It can be infuriating, but such ambiguity is inherent to the nature of narrative theory. The strength of narrative theory is its ability to transform a hand into a story—a simplified narrative that efficiently organizes and condenses the information in a hand. Imagine if we laid out all of the assumptions behind something like “I’m going to slowplay my set here because a raise would look too strong.” We’d have to first say what his range is going into this hand, what our range is, how we think he’ll perceive a turn flat, the likelihood that he’ll bluff or valuebet any given river card, how he is going to react to a turn raise, and so on and so forth. Really, when it comes down to it, actually breaking down a hand is enormously complex. It involves a lot of paperwork. Narrative theory is, in a sense, a kind of deferral. A form of shorthand.
Behind narrative theory lies the claim, “there is some discrete theory that justifies this. I don’t have it on me, and I can’t show it to you now, but it exists somewhere.” Actually doing that discrete theory during a poker hand would be prohibitively taxing, in terms of mental processing and of time. We can’t discretely analyze every hand we play. So we must take shortcuts. Narrative theory is the only practical way that we, as human beings, can efficiently organize and recall our knowledge of poker theory.
But how do we actually generate a thread of narrative theory?

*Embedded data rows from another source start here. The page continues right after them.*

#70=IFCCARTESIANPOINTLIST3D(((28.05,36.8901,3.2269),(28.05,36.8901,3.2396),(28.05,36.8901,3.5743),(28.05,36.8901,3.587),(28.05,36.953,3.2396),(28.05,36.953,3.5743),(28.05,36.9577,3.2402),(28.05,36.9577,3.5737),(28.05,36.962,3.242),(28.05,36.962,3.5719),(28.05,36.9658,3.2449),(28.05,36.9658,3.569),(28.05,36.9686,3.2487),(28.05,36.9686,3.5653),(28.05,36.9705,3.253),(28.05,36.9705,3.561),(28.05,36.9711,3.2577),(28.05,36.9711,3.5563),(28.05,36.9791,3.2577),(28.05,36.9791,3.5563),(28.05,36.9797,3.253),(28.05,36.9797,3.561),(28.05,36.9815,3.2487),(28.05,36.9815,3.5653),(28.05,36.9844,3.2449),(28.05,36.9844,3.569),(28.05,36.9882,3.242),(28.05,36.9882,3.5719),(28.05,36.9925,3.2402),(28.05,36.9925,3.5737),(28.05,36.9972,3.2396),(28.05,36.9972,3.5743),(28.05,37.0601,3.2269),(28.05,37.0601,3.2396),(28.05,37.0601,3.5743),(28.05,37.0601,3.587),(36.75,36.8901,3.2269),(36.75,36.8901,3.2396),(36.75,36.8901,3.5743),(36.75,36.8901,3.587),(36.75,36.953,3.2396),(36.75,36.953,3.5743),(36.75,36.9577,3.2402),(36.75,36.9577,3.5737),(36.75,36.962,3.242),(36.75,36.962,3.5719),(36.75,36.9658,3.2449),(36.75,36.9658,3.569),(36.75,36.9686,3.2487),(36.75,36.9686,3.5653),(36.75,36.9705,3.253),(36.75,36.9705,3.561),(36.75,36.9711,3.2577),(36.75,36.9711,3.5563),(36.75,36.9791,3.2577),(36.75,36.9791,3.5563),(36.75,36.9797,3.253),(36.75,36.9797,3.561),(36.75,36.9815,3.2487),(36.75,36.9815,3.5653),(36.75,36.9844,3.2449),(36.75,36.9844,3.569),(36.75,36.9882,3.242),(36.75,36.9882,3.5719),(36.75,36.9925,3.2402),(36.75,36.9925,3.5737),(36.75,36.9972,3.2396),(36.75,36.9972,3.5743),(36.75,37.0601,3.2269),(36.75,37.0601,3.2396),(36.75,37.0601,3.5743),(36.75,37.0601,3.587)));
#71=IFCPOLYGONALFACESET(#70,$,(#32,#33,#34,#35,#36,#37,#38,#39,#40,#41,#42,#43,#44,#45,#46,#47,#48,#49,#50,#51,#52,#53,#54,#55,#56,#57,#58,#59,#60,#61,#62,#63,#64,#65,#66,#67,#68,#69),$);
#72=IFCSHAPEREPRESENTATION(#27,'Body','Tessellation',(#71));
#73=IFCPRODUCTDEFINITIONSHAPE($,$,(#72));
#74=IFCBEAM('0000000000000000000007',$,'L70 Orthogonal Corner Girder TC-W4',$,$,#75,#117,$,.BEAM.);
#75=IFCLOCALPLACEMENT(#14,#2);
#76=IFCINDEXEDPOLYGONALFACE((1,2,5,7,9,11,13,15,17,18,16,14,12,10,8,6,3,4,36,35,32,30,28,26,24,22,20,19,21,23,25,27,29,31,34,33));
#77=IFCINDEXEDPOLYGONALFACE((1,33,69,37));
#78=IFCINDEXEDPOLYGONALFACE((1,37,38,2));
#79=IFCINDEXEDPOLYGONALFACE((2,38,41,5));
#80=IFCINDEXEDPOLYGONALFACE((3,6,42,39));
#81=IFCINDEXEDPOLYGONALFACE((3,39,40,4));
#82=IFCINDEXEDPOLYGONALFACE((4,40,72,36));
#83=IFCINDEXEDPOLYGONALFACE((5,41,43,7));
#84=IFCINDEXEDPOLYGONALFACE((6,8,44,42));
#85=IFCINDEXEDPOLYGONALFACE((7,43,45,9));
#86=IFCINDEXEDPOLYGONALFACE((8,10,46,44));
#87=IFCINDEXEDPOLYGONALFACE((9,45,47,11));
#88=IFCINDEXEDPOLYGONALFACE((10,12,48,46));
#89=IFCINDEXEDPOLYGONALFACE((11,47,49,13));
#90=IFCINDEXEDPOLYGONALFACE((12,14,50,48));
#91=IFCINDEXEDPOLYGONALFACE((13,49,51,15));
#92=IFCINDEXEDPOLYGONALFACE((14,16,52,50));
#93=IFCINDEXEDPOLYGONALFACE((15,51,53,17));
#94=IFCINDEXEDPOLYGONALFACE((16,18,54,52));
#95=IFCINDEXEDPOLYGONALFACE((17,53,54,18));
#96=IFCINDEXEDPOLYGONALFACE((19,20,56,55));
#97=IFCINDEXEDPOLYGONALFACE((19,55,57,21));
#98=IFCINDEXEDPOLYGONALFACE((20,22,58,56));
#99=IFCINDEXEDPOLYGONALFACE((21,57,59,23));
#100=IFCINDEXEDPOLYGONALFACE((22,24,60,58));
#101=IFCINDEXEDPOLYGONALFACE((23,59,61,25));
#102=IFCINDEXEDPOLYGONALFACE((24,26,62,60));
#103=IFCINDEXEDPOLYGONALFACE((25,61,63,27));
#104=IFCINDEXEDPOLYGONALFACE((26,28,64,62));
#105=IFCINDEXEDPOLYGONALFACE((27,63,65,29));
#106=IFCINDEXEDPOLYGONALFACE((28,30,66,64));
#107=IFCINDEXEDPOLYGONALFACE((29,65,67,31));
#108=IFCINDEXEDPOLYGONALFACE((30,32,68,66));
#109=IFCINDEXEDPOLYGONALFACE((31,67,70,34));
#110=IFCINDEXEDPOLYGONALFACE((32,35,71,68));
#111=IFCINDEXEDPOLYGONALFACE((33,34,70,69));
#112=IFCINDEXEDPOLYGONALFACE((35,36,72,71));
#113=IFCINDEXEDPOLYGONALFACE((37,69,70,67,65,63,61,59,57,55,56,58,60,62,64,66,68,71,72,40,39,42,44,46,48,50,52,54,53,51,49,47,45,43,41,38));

Narrative theory is composed of building blocks, which we might call poker memes. Things like “checking back for pot control,” or “maximizing stack-to-pot ratio,” or “extracting max value,” or “betting to induce a bluff.” These memes describe interpretations of events in a hand which we, poker theory users, view as valid. That is, these are things that really happen in a hand—they have a discrete theoretical basis. That does not mean that they happened in this particular hand you’re describing, but we all agree those are things that happen. They are valid memes. Here are some (usually) invalid memes: “I raised for information,” or “I bet because he was challenging me,” or “I folded because the hand might be tricky.” We don’t consider these reasons to be grounded in discrete theory, so we dismiss them. As you can imagine, the language of valid narrative theory has changed as poker has evolved.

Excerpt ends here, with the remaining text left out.